Hacker News new | ask | show | jobs
by sebzim4500 1157 days ago
I don't think that the hallucinations have anything to do with the architecture, rather they come from optimizing a cost function where saying "I don't know" is as bad as being wrong. I do not think that RLHF as currently understood can fix this, since the reward model would struggle to distinguish fact from fiction.
1 comments

I think you are mixing up layers of abstraction.

The network is most likely trained with something like a categorical cross entropy loss function. Those totally punish being wrong a lot more than saying "I don't know". See https://www.v7labs.com/blog/cross-entropy-loss-guide

It's just that saying "I don't know" means that your model is spreading the probability of what the next token in the text stream might be over many different outcomes. A very 'uniform' probability distribution, instead of sharp prediction.

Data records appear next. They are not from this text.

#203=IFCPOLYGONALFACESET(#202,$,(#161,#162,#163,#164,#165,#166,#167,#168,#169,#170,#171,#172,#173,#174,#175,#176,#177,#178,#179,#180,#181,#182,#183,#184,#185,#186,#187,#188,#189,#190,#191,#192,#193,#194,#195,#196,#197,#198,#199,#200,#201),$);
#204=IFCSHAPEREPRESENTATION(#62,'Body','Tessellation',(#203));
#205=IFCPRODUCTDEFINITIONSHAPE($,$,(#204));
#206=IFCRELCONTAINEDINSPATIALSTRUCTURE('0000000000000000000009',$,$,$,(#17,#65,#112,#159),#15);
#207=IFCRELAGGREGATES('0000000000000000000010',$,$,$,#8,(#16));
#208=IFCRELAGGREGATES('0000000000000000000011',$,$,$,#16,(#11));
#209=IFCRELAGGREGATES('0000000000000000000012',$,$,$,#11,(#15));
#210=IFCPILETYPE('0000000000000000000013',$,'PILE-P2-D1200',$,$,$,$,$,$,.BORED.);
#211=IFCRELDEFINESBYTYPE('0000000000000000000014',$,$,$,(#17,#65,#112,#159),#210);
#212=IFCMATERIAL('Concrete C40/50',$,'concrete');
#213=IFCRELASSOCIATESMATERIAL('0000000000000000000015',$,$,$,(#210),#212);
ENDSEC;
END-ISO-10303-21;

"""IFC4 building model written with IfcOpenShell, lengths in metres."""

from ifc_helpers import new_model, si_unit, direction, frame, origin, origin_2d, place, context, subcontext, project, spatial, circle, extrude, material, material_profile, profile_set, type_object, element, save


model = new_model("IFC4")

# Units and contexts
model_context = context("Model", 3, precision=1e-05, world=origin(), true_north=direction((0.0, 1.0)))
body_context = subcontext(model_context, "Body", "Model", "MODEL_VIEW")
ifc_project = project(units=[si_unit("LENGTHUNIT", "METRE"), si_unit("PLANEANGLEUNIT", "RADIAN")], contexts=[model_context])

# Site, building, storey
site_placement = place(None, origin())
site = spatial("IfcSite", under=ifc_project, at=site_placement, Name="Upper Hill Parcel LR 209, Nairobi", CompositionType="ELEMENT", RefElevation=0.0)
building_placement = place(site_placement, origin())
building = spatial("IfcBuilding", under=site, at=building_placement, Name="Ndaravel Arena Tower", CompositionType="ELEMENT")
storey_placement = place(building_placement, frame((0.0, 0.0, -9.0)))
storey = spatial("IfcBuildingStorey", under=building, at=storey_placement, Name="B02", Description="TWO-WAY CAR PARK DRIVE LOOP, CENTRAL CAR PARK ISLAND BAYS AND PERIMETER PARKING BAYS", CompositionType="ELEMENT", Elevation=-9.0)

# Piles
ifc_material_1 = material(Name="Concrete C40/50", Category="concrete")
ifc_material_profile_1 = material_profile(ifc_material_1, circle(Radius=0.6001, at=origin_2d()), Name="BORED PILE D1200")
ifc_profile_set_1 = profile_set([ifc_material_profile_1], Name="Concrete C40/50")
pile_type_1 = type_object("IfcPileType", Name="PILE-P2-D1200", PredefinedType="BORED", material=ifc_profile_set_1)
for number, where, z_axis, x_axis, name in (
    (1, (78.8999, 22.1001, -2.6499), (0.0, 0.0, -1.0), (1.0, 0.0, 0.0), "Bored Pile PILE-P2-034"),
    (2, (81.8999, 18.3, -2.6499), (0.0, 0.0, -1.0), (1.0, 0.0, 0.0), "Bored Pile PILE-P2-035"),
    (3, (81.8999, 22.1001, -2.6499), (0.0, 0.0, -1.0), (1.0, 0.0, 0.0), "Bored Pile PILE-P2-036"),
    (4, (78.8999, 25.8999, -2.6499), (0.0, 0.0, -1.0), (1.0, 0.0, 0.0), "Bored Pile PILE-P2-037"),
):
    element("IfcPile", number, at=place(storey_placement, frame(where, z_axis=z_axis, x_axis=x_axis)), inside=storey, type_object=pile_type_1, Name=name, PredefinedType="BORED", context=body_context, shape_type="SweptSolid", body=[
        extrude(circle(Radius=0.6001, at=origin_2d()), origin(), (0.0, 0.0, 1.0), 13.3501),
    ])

That looks very different to GPT literally outputting the words "I don't know".

Sorry if I was unclear. I know that the model is incentivised to accurately predict the probability distribution of the next token. I mean that the model is not being incentivised to literally produce the output tokens corresponding to "I don't know" when asked a question where it is uncertain.
Yes, exactly.

What I wanted to emphasize is that the training _does_ actually incentivize the model to say "I don't know" but on a lower level.

If only the OpenAI api gave us the token probabilities like it used to.